7. The method as described in claim 1, characterized in that, The following steps are used to determine the debridement target boundary based on all debridement positioning decision values: Select one of the debridement positioning decision values; When the debridement positioning decision value is less than or equal to the preset debridement positioning decision threshold, the debridement policy region corresponding to the debridement positioning decision value is marked as the debridement area; When the debridement positioning decision value is greater than the preset debridement positioning decision threshold, the debridement policy region corresponding to the debridement positioning decision value is marked as a normal region and no further processing is performed. Repeat the above steps to mark the debridement policy domains corresponding to the remaining debridement location decision values, thereby obtaining multiple debridement regions. All debridement regions are then combined to form the debridement location boundary of the debridement target.

8. A carbon dioxide laser debridement and positioning device, characterized in that, It includes an intelligent control unit, which includes: The target detection grayscale image acquisition module is used to acquire the target detection grayscale image of the debridement target after the carbon dioxide laser debridement positioning device is started. The grayscale modulation feature determination module is used to select a grayscale pixel in the target detection grayscale image, determine the adaptive grayscale basis of the grayscale pixel based on the target detection grayscale image, determine the grayscale modulation factor through the adaptive grayscale basis, determine the grayscale modulation feature corresponding to the grayscale pixel based on the grayscale modulation factor, and repeat the above steps to determine the grayscale modulation feature corresponding to the remaining grayscale pixels in the target detection grayscale image; The cleanup strategy localization determination module is used to determine the modulation entropy of adjacent pixels for each grayscale modulation feature, and to determine multiple cleanup strategy localizations through all adjacent pixel modulation entropies. The debridement positioning boundary determination module is used to determine the debridement positioning decision value for each debridement strategy region, and to determine the debridement positioning boundary of the debridement target based on all debridement positioning decision values; The positioning marking module is used to mark the position of the debridement operation of the carbon dioxide laser debridement device through the debridement positioning boundary.

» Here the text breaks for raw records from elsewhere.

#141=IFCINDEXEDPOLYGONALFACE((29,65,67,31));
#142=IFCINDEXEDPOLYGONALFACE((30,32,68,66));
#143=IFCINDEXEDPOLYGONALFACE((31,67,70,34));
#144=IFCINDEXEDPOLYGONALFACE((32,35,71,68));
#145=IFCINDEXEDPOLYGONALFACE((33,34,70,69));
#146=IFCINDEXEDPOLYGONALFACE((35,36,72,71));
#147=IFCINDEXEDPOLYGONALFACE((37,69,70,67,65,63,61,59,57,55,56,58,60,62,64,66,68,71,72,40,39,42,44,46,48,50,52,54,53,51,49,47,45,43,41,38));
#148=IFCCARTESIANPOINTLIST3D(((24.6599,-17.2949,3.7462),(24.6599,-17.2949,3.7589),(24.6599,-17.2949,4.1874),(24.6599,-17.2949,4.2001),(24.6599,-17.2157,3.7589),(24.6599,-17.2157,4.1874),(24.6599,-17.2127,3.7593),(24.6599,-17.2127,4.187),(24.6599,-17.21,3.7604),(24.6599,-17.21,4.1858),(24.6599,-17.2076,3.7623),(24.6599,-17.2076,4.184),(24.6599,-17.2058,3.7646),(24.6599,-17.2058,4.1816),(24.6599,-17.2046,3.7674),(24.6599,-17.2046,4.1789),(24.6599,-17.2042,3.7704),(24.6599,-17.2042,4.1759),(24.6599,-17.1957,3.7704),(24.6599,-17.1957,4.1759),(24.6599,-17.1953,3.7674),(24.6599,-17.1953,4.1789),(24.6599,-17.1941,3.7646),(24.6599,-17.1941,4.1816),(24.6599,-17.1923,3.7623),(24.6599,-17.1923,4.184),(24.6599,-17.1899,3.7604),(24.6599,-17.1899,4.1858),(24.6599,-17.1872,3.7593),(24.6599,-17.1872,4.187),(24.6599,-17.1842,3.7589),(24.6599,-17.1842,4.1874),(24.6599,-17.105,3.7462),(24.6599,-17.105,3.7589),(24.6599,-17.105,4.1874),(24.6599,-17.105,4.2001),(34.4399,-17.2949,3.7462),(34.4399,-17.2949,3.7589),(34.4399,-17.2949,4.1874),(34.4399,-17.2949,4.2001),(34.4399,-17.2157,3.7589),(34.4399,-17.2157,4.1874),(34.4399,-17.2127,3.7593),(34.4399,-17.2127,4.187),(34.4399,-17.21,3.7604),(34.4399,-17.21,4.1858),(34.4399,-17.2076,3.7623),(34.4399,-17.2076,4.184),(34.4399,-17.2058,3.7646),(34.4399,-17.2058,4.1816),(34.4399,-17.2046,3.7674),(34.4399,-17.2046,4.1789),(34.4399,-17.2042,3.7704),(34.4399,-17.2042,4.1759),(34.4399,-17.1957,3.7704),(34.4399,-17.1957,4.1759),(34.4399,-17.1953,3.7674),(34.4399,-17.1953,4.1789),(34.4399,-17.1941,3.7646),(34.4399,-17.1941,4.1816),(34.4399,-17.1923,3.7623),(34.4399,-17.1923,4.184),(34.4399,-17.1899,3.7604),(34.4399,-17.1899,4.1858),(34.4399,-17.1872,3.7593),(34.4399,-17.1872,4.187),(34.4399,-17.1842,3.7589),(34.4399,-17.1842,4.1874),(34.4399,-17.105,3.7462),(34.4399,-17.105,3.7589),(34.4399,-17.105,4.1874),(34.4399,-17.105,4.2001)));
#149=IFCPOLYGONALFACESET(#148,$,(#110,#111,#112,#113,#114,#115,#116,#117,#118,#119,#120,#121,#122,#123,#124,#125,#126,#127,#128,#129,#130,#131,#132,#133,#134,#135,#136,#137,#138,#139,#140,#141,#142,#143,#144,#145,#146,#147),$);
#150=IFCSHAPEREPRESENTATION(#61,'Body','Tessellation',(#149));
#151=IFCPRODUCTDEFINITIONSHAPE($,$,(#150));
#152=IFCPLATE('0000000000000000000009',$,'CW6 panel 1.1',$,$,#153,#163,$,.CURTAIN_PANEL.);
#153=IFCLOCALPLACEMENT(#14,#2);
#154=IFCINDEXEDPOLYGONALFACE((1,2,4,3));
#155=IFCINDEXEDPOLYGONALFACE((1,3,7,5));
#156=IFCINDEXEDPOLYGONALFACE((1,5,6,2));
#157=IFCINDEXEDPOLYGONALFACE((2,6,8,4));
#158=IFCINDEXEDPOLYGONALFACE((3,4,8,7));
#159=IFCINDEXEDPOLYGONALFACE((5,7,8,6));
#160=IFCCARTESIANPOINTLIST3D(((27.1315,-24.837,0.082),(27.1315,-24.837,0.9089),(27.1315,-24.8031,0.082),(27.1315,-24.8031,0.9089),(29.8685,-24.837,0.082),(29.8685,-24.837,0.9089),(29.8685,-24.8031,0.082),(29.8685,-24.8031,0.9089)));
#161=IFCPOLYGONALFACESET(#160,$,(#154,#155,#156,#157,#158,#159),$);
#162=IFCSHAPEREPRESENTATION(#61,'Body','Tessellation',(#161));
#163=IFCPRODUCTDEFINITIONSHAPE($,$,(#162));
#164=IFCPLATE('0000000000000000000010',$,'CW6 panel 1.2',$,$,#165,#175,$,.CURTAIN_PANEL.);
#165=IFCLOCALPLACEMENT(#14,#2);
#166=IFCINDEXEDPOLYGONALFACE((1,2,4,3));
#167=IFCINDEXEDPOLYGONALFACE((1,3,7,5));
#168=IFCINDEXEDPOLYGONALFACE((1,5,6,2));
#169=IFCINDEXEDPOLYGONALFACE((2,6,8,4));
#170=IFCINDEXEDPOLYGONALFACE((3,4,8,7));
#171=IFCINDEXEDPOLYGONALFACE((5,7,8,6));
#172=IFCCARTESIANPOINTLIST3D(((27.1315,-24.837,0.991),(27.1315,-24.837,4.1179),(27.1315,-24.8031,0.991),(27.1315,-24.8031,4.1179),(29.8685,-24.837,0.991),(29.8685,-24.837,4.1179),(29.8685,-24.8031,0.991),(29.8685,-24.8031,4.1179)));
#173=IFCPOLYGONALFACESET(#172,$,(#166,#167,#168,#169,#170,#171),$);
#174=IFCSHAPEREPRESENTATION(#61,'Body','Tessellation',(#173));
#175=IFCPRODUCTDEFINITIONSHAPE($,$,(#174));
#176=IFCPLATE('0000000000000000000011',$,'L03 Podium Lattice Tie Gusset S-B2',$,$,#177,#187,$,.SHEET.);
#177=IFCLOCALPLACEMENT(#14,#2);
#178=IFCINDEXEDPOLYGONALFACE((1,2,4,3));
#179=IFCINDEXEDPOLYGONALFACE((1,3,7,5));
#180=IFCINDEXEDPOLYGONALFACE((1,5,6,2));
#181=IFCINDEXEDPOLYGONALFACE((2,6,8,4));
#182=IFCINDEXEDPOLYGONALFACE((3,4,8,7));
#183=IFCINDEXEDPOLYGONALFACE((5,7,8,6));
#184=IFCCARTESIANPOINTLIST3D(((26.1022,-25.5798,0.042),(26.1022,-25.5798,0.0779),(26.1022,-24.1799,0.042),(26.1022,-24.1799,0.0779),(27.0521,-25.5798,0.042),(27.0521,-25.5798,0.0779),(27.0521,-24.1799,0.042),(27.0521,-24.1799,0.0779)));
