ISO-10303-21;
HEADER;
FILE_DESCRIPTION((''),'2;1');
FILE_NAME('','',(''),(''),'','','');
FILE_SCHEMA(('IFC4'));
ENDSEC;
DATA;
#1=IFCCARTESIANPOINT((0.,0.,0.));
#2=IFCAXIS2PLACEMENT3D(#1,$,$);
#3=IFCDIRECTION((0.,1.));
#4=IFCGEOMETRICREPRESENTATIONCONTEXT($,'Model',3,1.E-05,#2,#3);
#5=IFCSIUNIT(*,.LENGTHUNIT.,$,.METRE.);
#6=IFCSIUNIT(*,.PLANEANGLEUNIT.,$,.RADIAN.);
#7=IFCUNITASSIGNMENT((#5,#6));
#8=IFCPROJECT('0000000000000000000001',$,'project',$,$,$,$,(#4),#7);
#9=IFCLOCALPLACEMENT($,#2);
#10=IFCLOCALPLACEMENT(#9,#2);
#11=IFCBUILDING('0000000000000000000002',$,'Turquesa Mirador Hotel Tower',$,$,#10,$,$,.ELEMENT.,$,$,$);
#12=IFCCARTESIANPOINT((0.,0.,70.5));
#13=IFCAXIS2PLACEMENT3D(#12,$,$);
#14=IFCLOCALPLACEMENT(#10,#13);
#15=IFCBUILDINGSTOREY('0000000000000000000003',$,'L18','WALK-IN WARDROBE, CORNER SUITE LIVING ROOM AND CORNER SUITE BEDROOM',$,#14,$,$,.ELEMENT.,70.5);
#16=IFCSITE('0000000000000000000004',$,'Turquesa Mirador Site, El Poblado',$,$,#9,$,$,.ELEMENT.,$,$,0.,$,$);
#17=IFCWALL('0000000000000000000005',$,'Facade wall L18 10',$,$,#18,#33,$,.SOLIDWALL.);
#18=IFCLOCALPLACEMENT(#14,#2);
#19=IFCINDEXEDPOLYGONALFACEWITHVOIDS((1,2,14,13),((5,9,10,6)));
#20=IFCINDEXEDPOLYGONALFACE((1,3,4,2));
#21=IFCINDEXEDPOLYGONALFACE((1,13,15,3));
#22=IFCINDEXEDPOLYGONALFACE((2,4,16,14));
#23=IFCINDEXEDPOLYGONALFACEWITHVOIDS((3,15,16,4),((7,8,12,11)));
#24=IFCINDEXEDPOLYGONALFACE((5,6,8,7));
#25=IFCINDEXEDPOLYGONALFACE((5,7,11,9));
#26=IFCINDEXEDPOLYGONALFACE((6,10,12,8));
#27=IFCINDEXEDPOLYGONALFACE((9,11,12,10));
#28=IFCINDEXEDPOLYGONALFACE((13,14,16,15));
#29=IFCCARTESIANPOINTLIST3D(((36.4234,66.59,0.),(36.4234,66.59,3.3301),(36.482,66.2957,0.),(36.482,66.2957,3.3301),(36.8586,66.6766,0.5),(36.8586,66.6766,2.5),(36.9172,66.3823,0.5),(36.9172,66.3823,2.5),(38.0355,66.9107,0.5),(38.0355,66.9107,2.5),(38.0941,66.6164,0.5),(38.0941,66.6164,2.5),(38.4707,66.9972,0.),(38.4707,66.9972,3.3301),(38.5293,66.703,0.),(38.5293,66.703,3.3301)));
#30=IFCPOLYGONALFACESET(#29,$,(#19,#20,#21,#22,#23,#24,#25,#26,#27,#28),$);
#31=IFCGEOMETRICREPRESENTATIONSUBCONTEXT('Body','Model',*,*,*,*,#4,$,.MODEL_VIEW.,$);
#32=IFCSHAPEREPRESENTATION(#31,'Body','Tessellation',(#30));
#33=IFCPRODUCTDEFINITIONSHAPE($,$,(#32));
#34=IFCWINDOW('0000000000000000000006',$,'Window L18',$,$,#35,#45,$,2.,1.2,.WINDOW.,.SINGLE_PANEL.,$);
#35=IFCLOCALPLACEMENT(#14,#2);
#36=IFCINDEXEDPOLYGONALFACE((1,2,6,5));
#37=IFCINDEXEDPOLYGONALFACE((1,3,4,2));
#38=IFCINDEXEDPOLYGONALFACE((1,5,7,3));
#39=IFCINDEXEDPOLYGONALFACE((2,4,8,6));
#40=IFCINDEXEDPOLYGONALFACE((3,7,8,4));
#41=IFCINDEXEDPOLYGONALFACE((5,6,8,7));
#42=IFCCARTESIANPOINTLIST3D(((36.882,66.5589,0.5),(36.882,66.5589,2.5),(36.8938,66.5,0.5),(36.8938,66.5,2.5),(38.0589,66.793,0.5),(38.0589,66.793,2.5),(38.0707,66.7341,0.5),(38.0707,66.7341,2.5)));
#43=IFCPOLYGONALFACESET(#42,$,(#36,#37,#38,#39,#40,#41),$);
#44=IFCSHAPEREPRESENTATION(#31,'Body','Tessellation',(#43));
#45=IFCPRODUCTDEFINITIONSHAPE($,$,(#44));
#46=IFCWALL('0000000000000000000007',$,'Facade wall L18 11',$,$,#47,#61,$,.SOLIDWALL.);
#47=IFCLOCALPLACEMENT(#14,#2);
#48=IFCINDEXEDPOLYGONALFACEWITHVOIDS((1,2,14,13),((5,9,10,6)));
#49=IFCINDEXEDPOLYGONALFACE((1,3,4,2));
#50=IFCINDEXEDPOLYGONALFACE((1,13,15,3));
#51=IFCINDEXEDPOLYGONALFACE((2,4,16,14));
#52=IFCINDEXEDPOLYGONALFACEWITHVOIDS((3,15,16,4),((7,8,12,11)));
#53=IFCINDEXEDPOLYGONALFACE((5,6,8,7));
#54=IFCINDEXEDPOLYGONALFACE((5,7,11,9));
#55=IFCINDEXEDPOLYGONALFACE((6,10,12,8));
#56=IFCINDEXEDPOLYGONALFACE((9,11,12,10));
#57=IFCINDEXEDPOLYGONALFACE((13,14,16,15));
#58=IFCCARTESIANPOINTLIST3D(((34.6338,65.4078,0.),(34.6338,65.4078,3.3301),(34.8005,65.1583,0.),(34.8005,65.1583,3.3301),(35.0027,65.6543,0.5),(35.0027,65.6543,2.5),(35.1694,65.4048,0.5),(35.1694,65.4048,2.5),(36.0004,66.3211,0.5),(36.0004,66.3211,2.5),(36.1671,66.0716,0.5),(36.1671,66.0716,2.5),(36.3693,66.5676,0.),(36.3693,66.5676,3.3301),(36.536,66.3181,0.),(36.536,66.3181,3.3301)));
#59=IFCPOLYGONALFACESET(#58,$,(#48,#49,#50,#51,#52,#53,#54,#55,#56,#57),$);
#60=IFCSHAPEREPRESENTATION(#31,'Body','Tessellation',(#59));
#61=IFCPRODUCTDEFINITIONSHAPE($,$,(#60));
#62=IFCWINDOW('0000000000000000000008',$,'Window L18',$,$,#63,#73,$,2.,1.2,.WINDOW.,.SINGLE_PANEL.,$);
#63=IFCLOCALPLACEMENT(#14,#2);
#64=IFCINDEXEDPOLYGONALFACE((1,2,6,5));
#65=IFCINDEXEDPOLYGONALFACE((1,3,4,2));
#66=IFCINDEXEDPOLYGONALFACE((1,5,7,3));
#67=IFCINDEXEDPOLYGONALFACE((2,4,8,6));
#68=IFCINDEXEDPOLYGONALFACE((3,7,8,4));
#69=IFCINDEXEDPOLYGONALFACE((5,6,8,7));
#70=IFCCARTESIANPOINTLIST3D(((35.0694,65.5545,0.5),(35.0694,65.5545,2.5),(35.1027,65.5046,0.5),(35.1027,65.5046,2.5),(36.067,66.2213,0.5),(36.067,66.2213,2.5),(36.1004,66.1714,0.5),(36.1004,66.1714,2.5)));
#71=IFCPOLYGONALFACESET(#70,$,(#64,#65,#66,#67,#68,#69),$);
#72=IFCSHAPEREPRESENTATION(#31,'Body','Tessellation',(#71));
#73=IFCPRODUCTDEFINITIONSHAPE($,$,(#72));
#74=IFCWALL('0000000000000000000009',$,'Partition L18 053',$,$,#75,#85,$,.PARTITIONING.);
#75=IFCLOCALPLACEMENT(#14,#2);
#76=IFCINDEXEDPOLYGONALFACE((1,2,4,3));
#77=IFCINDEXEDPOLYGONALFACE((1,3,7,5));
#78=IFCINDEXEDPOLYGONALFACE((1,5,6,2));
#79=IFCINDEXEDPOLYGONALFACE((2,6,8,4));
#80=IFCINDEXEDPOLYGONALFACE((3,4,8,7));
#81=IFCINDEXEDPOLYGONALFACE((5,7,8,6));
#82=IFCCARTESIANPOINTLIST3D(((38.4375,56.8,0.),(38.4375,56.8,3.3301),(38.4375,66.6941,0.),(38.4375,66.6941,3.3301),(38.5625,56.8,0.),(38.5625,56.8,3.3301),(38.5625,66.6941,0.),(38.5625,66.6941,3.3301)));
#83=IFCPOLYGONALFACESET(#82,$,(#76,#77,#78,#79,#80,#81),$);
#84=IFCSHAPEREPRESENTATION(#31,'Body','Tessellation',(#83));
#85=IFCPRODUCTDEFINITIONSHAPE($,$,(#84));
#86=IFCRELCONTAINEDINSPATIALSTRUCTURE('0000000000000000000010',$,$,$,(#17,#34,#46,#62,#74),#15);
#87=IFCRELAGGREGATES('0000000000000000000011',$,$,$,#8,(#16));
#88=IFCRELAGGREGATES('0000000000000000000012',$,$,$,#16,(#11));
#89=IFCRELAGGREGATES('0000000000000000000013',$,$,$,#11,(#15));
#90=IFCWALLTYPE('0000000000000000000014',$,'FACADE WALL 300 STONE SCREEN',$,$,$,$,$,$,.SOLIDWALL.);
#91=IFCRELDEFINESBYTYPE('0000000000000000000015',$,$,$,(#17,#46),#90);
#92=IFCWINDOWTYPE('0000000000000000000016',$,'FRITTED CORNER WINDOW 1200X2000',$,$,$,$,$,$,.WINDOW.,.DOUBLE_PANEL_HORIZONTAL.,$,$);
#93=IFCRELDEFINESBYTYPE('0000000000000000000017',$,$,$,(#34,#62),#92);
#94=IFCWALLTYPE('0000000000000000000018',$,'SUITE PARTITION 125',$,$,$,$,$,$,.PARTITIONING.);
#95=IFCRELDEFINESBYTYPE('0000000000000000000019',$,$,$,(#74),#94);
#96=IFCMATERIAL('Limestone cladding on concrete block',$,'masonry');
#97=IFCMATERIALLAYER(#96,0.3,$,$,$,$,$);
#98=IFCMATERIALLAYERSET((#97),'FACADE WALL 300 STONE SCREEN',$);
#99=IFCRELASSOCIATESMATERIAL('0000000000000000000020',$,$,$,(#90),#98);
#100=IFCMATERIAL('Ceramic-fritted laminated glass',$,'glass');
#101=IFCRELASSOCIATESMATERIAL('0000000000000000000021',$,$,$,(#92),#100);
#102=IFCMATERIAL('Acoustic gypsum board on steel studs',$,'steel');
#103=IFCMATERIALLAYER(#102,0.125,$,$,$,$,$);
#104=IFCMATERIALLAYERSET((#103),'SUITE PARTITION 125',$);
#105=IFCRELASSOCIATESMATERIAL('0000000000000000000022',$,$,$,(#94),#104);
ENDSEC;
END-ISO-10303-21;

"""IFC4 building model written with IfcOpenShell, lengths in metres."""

from ifc_helpers import new_model, si_unit, direction, frame, frame_2d, origin, place, context, subcontext, project, spatial, rectangle, extrude, material, layer, layer_set, type_object, element, fill, save


model = new_model("IFC4")

# Units and contexts
model_context = context("Model", 3, precision=1e-05, world=origin(), true_north=direction((0.0, 1.0)))
body_context = subcontext(model_context, "Body", "Model", "MODEL_VIEW")
ifc_project = project(units=[si_unit("LENGTHUNIT", "METRE"), si_unit("PLANEANGLEUNIT", "RADIAN")], contexts=[model_context])

# Site, building, storey
site_placement = place(None, origin())
site = spatial("IfcSite", under=ifc_project, at=site_placement, Name="Turquesa Mirador Site, El Poblado", CompositionType="ELEMENT", RefElevation=0.0)
building_placement = place(site_placement, origin())
building = spatial("IfcBuilding", under=site, at=building_placement, Name="Turquesa Mirador Hotel Tower", CompositionType="ELEMENT")
storey_placement = place(building_placement, frame((0.0, 0.0, 70.5)))
storey = spatial("IfcBuildingStorey", under=building, at=storey_placement, Name="L18", Description="WALK-IN WARDROBE, CORNER SUITE LIVING ROOM AND CORNER SUITE BEDROOM", CompositionType="ELEMENT", Elevation=70.5)

# Walls, openings, windows
ifc_material_1 = material(Name="Limestone cladding on concrete block", Category="masonry")
ifc_layer_1 = layer(ifc_material_1, 0.3)
ifc_layer_set_1 = layer_set([ifc_layer_1], Name="FACADE WALL 300 STONE SCREEN")
wall_type_1 = type_object("IfcWallType", Name="FACADE WALL 300 STONE SCREEN", PredefinedType="SOLIDWALL", material=ifc_layer_set_1)
wall_1_placement = place(storey_placement, frame((38.5, 66.8501, 0.0), z_axis=(0.0, 0.0, 1.0), x_axis=(-0.980787, -0.195081, 0.0)))
wall_1 = element("IfcWall", 1, at=wall_1_placement, inside=storey, type_object=wall_type_1, Name="Facade wall L18 10", PredefinedType="SOLIDWALL", context=body_context, shape_type="SweptSolid", body=[
    extrude(rectangle(XDim=2.0874, YDim=0.3, at=frame_2d((1.0437, 0.0))), origin(), (0.0, 0.0, 1.0), 3.3301),
])
opening_1_placement = place(wall_1_placement, frame((0.4436, 0.0, 0.5)))
opening_1 = element("IfcOpeningElement", 2, at=opening_1_placement, cuts=wall_1, PredefinedType="OPENING", context=body_context, shape_type="SweptSolid", body=[
    extrude(rectangle(XDim=1.2, YDim=2.0, at=frame_2d((0.6001, 1.0))), frame((0.0, 0.1599, 0.0), z_axis=(0.0, -1.0, 0.0), x_axis=(1.0, 0.0, 0.0)), (0.0, 0.0, 1.0), 0.3201),
])
ifc_material_2 = material(Name="Ceramic-fritted laminated glass", Category="glass")
window_type = type_object("IfcWindowType", Name="FRITTED CORNER WINDOW 1200X2000", PartitioningType="DOUBLE_PANEL_HORIZONTAL", PredefinedType="WINDOW", material=ifc_material_2)
window_1_placement = place(opening_1_placement, origin())
window_1 = element("IfcWindow", 3, at=window_1_placement, inside=storey, type_object=window_type, Name="Window L18", OverallHeight=2.0, OverallWidth=1.2, PartitioningType="SINGLE_PANEL", PredefinedType="WINDOW", context=body_context, shape_type="SweptSolid", body=[
    extrude(rectangle(XDim=1.2, YDim=2.0, at=frame_2d((0.6001, 1.0))), frame((0.0, 0.03, 0.0), z_axis=(0.0, -1.0, 0.0), x_axis=(1.0, 0.0, 0.0)), (0.0, 0.0, 1.0), 0.0601),
])
fill(opening_1, window_1)
wall_2_placement = place(storey_placement, frame((36.4526, 66.4429, 0.0), z_axis=(0.0, 0.0, 1.0), x_axis=(-0.83142, -0.555644, 0.0)))
wall_2 = element("IfcWall", 4, at=wall_2_placement, inside=storey, type_object=wall_type_1, Name="Facade wall L18 11", PredefinedType="SOLIDWALL", context=body_context, shape_type="SweptSolid", body=[
    extrude(rectangle(XDim=2.0874, YDim=0.3, at=frame_2d((1.0437, 0.0))), origin(), (0.0, 0.0, 1.0), 3.3301),
])
opening_2_placement = place(wall_2_placement, frame((0.4436, 0.0, 0.5)))
opening_2 = element("IfcOpeningElement", 5, at=opening_2_placement, cuts=wall_2, PredefinedType="OPENING", context=body_context, shape_type="SweptSolid", body=[
    extrude(rectangle(XDim=1.2, YDim=2.0, at=frame_2d((0.6001, 1.0))), frame((0.0, 0.1599, 0.0), z_axis=(0.0, -1.0, 0.0), x_axis=(1.0, 0.0, 0.0)), (0.0, 0.0, 1.0), 0.3201),
])
window_2_placement = place(opening_2_placement, origin())
window_2 = element("IfcWindow", 6, at=window_2_placement, inside=storey, type_object=window_type, Name="Window L18", OverallHeight=2.0, OverallWidth=1.2, PartitioningType="SINGLE_PANEL", PredefinedType="WINDOW", context=body_context, shape_type="SweptSolid", body=[
    extrude(rectangle(XDim=1.2, YDim=2.0, at=frame_2d((0.6001, 1.0))), frame((0.0, 0.03, 0.0), z_axis=(0.0, -1.0, 0.0), x_axis=(1.0, 0.0, 0.0)), (0.0, 0.0, 1.0), 0.0601),
])
fill(opening_2, window_2)

# Wall
ifc_material_3 = material(Name="Acoustic gypsum board on steel studs", Category="steel")
ifc_layer_2 = layer(ifc_material_3, 0.125)
ifc_layer_set_2 = layer_set([ifc_layer_2], Name="SUITE PARTITION 125")
wall_type_2 = type_object("IfcWallType", Name="SUITE PARTITION 125", PredefinedType="PARTITIONING", material=ifc_layer_set_2)
wall_3_placement = place(storey_placement, frame((38.5, 56.8, 0.0), z_axis=(0.0, 0.0, 1.0), x_axis=(0.0, 1.0, 0.0)))
element("IfcWall", 7, at=wall_3_placement, inside=storey, type_object=wall_type_2, Name="Partition L18 053", PredefinedType="PARTITIONING", context=body_context, shape_type="SweptSolid", body=[
    extrude(rectangle(XDim=9.894, YDim=0.125, at=frame_2d((4.947, 0.0))), origin(), (0.0, 0.0, 1.0), 3.3301),
])

save(model, "model.ifc")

9. A computer device comprising a memory and a processor, wherein the memory stores a computer program, characterized in that, When the processor executes the computer program, it implements the steps of the control method for the carbon dioxide laser debridement and positioning device according to any one of claims 1 to 7.

10. A computer-readable storage medium storing a computer program, characterized in that, When the computer program is executed by the processor, it implements the steps of the control method for the carbon dioxide laser debridement and positioning device as described in any one of claims 1 to 7.